PDB To CIF¶
Converts one or more protein structures from PDB format to CIF format. Accepts a dictionary of PDB contents and returns a dictionary of converted CIF contents with the same keys. The node uses BioPython for parsing/writing and includes a best-effort fix to map atom records to entity IDs for protein chains.

Usage¶
Use this node when downstream tools or analyses require CIF (mmCIF) format instead of PDB. Typical workflow: load or assemble a batch of PDB structures, convert them to CIF with this node, then feed the CIF outputs into subsequent structure processing, validation, or visualization nodes that expect CIF.
Inputs¶
| Field | Required | Type | Description | Example |
|---|---|---|---|---|
| pdb | True | PDB | Dictionary of PDB structures to convert. Keys are structure IDs (names), values are PDB file contents as strings. | {'example_value': {'my_structure': 'ATOM 1 N MET A 1 11.104 13.207 2.103 1.00 20.00 N ...', 'another_structure': 'ATOM 1 N ALA B 1 5.234 -2.151 8.930 1.00 15.00 N ...'}} |
Outputs¶
| Field | Type | Description | Example |
|---|---|---|---|
| structure.cif | CIF | Dictionary of CIF structures converted from the input PDBs. Keys mirror the input keys; values are CIF contents as strings. | {'example_value': {'my_structure': 'data_template\n#\n_loop\n_atom_site.group_PDB _atom_site.id _atom_site.type_symbol ...', 'another_structure': 'data_template\n#\n_loop\n_atom_site.group_PDB _atom_site.id _atom_site.type_symbol ...'}} |
Important Notes¶
- Input format: The input must be a non-empty dictionary mapping structure names to PDB content strings.

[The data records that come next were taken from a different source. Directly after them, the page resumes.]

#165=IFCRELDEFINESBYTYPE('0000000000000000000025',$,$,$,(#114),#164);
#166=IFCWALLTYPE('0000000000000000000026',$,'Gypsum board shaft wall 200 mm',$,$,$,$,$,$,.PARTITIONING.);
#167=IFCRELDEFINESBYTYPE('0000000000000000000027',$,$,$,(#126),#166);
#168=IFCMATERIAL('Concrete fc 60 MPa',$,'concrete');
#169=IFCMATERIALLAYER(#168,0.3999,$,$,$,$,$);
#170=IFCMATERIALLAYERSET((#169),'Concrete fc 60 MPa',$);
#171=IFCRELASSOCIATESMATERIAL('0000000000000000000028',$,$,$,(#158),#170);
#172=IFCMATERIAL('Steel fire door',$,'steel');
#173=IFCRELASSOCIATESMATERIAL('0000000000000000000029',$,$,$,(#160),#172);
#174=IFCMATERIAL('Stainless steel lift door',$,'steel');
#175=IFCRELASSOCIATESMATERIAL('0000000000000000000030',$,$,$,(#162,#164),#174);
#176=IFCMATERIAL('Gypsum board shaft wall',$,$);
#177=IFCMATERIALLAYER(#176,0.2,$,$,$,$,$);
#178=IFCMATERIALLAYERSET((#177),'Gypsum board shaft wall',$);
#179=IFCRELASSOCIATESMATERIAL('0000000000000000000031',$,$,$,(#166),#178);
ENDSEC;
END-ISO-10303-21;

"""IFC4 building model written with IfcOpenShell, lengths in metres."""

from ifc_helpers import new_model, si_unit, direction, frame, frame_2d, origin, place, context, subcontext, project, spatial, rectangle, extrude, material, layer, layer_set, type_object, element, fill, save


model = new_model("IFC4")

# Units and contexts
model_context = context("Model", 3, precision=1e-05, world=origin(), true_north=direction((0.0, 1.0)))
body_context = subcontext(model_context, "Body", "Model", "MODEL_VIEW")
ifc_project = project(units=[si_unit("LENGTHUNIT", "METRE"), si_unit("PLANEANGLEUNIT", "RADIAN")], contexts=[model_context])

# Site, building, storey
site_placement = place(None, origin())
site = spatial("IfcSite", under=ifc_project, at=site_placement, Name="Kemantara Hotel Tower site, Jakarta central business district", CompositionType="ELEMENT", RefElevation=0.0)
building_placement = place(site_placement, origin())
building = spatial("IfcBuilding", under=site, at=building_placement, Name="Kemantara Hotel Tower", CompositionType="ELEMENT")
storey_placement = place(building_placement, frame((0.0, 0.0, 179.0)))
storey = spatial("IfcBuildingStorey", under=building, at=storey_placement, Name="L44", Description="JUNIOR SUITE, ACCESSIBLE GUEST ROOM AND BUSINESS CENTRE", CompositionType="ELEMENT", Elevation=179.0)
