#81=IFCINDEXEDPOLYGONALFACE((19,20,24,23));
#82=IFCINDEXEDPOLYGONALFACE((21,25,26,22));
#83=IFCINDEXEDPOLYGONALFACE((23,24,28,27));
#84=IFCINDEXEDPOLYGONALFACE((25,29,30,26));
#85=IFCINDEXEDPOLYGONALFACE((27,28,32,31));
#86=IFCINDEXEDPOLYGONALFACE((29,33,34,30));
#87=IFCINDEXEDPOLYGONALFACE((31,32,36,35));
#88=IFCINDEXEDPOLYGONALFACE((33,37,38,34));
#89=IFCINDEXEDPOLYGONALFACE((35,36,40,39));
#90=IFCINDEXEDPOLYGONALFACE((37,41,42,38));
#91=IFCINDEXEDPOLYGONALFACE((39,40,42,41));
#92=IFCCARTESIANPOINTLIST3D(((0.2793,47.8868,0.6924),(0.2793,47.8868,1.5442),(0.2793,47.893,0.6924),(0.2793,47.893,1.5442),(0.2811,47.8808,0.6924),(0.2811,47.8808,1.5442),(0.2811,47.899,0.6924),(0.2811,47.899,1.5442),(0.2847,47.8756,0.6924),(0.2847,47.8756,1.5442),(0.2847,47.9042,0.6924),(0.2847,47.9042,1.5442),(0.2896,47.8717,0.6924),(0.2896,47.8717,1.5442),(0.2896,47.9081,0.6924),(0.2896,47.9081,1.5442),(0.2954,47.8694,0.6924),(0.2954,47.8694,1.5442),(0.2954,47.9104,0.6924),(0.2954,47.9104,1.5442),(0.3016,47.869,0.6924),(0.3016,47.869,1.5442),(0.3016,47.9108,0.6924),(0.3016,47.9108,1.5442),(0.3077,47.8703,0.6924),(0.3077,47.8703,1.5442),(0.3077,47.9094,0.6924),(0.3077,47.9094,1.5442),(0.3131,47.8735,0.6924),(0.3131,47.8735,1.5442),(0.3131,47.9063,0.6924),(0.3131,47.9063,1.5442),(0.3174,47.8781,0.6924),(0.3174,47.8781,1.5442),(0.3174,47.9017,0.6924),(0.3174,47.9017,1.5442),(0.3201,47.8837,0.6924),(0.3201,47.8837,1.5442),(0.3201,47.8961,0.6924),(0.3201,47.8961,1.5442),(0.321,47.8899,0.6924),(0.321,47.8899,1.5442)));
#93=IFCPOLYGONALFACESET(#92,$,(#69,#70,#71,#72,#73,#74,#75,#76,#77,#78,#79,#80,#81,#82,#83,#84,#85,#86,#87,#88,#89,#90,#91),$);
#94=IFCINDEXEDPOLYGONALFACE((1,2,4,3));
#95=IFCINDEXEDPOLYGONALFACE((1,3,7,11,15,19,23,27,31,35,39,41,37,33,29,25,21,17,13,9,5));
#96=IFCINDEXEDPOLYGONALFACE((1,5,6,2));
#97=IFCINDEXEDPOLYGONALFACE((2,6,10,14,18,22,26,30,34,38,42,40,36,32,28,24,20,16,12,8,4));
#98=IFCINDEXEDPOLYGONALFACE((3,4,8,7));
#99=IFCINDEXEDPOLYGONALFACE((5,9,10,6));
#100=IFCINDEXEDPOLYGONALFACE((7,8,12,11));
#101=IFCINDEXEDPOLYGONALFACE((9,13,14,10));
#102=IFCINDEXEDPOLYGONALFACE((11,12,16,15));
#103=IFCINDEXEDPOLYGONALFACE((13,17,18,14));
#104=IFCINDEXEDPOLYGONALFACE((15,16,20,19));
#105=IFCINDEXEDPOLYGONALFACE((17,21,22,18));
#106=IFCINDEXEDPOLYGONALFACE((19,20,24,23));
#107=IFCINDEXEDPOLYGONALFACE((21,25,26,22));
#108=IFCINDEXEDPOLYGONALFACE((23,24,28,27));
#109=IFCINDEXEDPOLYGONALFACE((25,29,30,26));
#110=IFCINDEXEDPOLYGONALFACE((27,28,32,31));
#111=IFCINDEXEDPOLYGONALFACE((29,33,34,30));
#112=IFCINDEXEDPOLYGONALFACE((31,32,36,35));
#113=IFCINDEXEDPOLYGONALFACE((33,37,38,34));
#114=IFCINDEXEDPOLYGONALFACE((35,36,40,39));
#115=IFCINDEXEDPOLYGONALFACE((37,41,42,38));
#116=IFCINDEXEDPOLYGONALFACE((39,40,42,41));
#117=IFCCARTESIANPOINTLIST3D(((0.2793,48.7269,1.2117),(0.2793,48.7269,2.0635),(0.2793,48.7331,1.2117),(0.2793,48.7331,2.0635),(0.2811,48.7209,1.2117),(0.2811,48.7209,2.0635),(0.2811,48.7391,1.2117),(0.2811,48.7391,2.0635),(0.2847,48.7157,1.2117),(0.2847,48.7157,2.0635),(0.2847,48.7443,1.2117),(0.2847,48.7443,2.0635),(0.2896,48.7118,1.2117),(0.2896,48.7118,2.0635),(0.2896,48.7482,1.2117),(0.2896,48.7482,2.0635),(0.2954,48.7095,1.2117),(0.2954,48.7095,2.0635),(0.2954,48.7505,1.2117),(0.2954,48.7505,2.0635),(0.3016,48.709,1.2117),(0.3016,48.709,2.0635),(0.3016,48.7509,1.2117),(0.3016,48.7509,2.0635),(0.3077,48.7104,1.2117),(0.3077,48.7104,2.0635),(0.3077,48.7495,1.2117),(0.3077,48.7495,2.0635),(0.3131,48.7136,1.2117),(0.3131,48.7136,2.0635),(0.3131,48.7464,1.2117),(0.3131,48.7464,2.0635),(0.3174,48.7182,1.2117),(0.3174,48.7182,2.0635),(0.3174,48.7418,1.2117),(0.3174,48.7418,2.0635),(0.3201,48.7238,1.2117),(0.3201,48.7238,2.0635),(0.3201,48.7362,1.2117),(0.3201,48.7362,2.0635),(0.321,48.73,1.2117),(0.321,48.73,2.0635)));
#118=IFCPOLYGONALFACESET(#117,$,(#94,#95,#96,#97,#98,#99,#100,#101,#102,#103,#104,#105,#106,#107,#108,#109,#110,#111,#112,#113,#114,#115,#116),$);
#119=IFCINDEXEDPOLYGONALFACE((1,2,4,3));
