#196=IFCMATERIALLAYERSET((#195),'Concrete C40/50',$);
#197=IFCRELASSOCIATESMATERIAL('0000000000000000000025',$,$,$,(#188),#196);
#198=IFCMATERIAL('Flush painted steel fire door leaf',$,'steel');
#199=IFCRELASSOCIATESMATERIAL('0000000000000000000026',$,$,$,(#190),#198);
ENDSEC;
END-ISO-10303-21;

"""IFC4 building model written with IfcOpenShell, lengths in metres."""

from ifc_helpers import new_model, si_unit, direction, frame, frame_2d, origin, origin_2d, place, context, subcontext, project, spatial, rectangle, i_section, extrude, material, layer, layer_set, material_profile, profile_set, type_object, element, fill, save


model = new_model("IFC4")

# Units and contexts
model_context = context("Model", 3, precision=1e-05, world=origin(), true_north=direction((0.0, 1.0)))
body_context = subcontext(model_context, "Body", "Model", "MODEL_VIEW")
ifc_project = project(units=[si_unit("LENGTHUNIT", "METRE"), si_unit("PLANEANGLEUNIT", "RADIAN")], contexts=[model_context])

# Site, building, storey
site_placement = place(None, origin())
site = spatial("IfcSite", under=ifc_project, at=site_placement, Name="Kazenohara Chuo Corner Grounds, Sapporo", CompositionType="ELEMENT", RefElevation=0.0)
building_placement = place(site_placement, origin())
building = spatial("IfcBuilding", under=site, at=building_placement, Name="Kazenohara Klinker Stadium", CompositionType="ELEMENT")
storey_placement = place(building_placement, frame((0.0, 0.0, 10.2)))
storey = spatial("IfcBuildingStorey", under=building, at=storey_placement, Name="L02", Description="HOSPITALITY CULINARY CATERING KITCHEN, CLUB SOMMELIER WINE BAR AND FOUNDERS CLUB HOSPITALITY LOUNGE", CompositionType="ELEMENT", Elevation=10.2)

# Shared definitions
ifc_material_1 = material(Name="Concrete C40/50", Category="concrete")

- Batch-friendly: Multiple PDBs can be converted in one run; empty entries are skipped.
- Entity mapping: The node attempts to improve atom-to-entity mappings for protein chains in the resulting CIF; this is heuristic and may not adjust all cases.

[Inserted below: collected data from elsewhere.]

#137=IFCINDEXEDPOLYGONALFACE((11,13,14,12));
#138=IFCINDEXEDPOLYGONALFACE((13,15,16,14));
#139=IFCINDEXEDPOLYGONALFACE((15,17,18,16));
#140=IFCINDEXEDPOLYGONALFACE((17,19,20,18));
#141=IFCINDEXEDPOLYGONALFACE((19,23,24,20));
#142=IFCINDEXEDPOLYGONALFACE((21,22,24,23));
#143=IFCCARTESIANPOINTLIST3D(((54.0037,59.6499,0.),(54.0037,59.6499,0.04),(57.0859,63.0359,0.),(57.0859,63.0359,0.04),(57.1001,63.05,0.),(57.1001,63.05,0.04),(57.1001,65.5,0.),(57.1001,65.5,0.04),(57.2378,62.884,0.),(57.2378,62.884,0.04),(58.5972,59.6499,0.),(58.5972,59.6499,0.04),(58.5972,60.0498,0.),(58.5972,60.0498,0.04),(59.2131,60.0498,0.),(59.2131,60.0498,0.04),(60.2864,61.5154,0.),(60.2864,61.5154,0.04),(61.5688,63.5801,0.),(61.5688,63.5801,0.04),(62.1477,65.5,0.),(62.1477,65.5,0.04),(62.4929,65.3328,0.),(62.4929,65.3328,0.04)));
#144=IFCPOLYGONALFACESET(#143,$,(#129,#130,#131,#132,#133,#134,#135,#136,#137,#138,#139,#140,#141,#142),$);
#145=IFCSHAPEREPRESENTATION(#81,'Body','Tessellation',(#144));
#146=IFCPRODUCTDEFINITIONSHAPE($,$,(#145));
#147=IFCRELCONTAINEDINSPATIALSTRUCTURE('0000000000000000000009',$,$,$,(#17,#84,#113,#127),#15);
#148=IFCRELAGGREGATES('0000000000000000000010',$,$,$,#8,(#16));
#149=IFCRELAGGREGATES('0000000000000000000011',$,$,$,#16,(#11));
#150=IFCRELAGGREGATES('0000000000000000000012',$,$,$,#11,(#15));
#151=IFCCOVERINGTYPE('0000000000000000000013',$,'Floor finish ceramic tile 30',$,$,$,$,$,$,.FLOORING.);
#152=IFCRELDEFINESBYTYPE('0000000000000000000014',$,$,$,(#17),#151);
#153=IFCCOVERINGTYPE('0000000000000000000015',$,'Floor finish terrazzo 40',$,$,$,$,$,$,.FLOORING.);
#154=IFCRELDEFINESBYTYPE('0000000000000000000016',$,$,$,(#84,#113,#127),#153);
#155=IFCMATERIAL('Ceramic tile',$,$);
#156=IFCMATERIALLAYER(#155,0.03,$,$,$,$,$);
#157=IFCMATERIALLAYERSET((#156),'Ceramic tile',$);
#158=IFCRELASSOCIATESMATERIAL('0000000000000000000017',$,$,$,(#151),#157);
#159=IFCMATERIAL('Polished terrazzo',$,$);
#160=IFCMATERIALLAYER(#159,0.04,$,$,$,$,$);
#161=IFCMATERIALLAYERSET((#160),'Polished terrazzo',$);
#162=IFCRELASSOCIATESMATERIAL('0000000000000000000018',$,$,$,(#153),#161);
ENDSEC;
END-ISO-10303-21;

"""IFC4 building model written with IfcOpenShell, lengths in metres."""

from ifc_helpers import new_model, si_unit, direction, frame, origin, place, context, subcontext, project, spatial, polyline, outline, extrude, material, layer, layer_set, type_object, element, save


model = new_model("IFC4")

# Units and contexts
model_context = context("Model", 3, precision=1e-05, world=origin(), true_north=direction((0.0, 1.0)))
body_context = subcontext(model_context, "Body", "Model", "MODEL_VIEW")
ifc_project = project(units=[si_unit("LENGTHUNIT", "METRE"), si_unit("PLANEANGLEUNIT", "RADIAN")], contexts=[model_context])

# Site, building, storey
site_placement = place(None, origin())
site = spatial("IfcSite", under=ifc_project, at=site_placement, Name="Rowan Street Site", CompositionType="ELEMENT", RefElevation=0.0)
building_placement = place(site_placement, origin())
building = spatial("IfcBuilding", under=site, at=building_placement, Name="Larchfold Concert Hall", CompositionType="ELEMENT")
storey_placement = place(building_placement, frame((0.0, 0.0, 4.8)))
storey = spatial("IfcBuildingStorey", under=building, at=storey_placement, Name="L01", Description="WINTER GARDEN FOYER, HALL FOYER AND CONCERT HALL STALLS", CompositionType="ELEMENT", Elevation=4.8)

- Dependencies: Requires BioPython (including PDB and mmCIF modules) to be available in the environment.
- Error handling: If none of the inputs can be converted, the node raises an error.
- Output structure: The output dictionary preserves the original input keys for easy tracking.
Troubleshooting¶
- Error: 'PDB input must be a non-empty dictionary': Ensure you pass a dict like {"name": "
"} and that strings are not empty or whitespace. - Conversion failed for a specific structure: Verify the PDB content is valid and parsable by BioPython; remove nonstandard lines or fix formatting issues.
- Missing or incorrect entity IDs in CIF: The node includes a best-effort fix for protein chains; if issues persist, consider using specialized CIF post-processing tools.
- Environment errors (missing modules): Install BioPython and its PDB/mmCIF I/O components in the runtime environment.
- Partial conversion (some entries missing): Empty or invalid PDB strings are skipped; check logs and ensure each dict value contains valid PDB content.